I would want to be able to live in a place like the Shire. You realize how lucky they are? They can have their normal, self-centered lives when they want to, but they always have the option of going adventuring. Meeting elves, dwarves, dragons, trolls, goblins, rangers, kings, warriors, and proving themselves in battle and to their friends. What I wouldn't give to be able to live like that.

I'd also want to be able to have knowledge and skill with weapons. People never use swords anymore, phooey.  I'm half inclined to go off and start sulking because of it...

And to be able to live in the trees! That would be so cool.


----------



## Deleted member 3778 (Jul 25, 2003)

yes, I couldn't have put it better myself: PHOOEY. 

with all this chemical-warfare and nucular-stuff you hear about, sword definitly sound more humane..(as far as weapons go..)

where I live there's no sword-fighting or archery lessons or anything >.< stupid boring modern sports..


----------



## Rhiannon (Jul 25, 2003)

I wouldn't want to be immortal. Maybe I've just listened to Queen's _Who Wants to Live Forever_ too many times...
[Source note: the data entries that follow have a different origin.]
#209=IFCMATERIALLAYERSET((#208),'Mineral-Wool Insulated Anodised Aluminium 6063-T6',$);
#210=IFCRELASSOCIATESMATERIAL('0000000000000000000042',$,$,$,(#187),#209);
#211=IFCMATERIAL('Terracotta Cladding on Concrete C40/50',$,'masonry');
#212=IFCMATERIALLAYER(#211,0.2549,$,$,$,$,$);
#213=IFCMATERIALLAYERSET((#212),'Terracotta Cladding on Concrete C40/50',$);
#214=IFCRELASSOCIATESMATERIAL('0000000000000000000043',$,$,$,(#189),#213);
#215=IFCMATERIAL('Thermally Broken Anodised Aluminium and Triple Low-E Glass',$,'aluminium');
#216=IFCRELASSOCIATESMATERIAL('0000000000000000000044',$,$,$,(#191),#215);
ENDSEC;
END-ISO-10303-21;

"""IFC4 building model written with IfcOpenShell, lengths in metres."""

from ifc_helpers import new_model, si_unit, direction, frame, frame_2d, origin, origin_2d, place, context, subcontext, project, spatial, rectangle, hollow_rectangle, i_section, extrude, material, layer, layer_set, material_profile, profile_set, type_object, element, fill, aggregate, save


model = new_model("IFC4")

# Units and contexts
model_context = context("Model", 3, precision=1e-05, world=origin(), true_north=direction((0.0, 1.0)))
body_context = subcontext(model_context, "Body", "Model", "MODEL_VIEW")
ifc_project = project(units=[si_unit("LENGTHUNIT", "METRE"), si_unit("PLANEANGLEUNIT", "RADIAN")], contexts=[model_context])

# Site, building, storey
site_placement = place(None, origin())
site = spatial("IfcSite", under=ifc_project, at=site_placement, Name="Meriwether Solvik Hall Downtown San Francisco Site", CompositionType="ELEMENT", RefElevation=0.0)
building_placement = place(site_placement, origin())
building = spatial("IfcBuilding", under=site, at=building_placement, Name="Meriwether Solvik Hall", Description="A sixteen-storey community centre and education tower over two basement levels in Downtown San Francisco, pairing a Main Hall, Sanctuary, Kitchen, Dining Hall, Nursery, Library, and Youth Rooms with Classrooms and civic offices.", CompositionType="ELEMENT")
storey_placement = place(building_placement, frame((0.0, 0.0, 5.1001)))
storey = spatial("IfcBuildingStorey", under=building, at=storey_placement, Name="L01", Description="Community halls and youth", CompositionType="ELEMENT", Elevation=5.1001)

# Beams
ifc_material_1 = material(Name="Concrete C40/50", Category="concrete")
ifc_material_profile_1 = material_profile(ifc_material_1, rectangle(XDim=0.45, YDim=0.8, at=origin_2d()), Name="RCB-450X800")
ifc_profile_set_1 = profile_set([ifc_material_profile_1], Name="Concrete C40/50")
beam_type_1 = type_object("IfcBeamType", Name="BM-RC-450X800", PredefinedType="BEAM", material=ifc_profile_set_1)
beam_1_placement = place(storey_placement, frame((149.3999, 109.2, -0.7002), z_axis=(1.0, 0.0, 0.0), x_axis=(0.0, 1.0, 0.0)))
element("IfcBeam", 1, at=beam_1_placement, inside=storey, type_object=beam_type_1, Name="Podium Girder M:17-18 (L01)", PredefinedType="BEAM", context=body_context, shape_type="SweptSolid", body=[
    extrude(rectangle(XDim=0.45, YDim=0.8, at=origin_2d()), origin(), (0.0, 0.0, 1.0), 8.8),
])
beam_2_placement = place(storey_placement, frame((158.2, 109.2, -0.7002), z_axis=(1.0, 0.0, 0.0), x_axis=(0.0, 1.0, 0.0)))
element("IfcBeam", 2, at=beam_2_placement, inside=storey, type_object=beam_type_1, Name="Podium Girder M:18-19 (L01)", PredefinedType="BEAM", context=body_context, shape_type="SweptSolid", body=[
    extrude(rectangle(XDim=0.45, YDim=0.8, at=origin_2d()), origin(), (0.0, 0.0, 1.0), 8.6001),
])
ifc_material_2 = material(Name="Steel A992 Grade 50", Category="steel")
What attracts me most about the Middle Earth world (though I'm partial to the six meals a day thing myself) is the courtliness in the elder races of Men.


----------



## 33Peregrin (Jul 26, 2003)

I count hairs on my feet (small blonde ones) and walk bare foot in rough places so I can get hobbit feet.
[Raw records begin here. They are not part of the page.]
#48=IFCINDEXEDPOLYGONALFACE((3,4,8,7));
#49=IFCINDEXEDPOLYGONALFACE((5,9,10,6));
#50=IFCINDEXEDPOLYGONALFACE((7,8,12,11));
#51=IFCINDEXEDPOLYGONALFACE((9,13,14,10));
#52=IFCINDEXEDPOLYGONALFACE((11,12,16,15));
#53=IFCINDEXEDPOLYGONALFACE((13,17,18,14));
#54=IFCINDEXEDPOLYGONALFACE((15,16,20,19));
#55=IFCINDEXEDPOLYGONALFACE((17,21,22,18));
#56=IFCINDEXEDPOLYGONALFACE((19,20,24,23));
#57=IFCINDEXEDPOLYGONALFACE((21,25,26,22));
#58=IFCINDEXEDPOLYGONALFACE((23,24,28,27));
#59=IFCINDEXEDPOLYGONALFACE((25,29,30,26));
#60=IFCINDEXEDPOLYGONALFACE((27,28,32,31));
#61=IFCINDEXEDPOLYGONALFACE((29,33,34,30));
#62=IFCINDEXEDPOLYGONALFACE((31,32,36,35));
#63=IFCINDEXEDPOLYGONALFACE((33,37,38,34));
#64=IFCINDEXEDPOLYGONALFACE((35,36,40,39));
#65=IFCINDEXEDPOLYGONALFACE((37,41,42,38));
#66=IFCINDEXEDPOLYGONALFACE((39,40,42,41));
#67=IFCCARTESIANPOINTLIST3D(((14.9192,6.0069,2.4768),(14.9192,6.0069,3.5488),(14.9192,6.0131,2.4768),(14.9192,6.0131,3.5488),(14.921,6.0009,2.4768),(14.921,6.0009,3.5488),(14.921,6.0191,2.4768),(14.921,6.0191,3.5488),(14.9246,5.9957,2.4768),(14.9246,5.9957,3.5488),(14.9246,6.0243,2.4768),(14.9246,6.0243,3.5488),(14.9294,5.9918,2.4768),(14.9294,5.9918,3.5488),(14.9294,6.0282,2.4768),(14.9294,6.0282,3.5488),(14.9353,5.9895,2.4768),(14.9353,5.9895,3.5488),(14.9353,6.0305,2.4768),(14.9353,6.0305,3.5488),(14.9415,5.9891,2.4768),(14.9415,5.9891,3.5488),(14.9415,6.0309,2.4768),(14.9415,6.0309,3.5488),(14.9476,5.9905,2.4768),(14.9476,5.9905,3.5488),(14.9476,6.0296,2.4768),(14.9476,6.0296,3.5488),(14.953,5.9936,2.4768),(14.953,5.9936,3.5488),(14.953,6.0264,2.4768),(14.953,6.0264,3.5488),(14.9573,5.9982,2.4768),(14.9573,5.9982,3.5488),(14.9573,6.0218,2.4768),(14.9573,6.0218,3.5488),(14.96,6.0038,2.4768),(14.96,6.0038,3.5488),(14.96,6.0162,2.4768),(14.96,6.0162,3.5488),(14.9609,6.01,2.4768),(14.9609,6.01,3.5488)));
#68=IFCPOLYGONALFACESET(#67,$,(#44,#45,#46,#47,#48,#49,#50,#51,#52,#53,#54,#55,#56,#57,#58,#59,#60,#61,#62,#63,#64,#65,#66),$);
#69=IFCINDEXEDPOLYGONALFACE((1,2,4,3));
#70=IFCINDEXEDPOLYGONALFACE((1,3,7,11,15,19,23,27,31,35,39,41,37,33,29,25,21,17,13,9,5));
I think out of all the great things people in Middle-earth are, I think I would simply want to be wise and great- a good person capable of doing amazing things and being remembered and respected. So I guess I would want to be most like Elves, except I don't think I would want to be immortal.


----------



## The-Elf-Herself (Aug 2, 2003)

I wouldn't want to be immortal really, although a lot of times I feel like I'm just sort of watching life go on as an observer, not as someone participating. Hmmm. The problem with the immortality thing is that only else are immortal and they're also beautiful and they sort of glow. *shudders* Who'd want that? Everyone looking at you, being noticed all the time... Hunh. Although Elwing did get to turn into a bird, that would be really nice. Okay, here's my specifications: I'd like to be an elven immortal-type who WASN'T fair(they did exist, look at Nerdanel), wasn't anything important, and could turn into a bird at will. There! Completely impossible, wishful thinking.


----------



## Turin (Aug 4, 2003)

I hope nobody already posted this (I didn't bother to read the whole thread) but I think there is already a simular thread in bag end. This one is a little bit different though.


----------



## FrankSinatra (Aug 4, 2003)

Dont know about anyone else, but i quite often have pints with friends, and tend to go for a second bacon sandwich on sundays.. 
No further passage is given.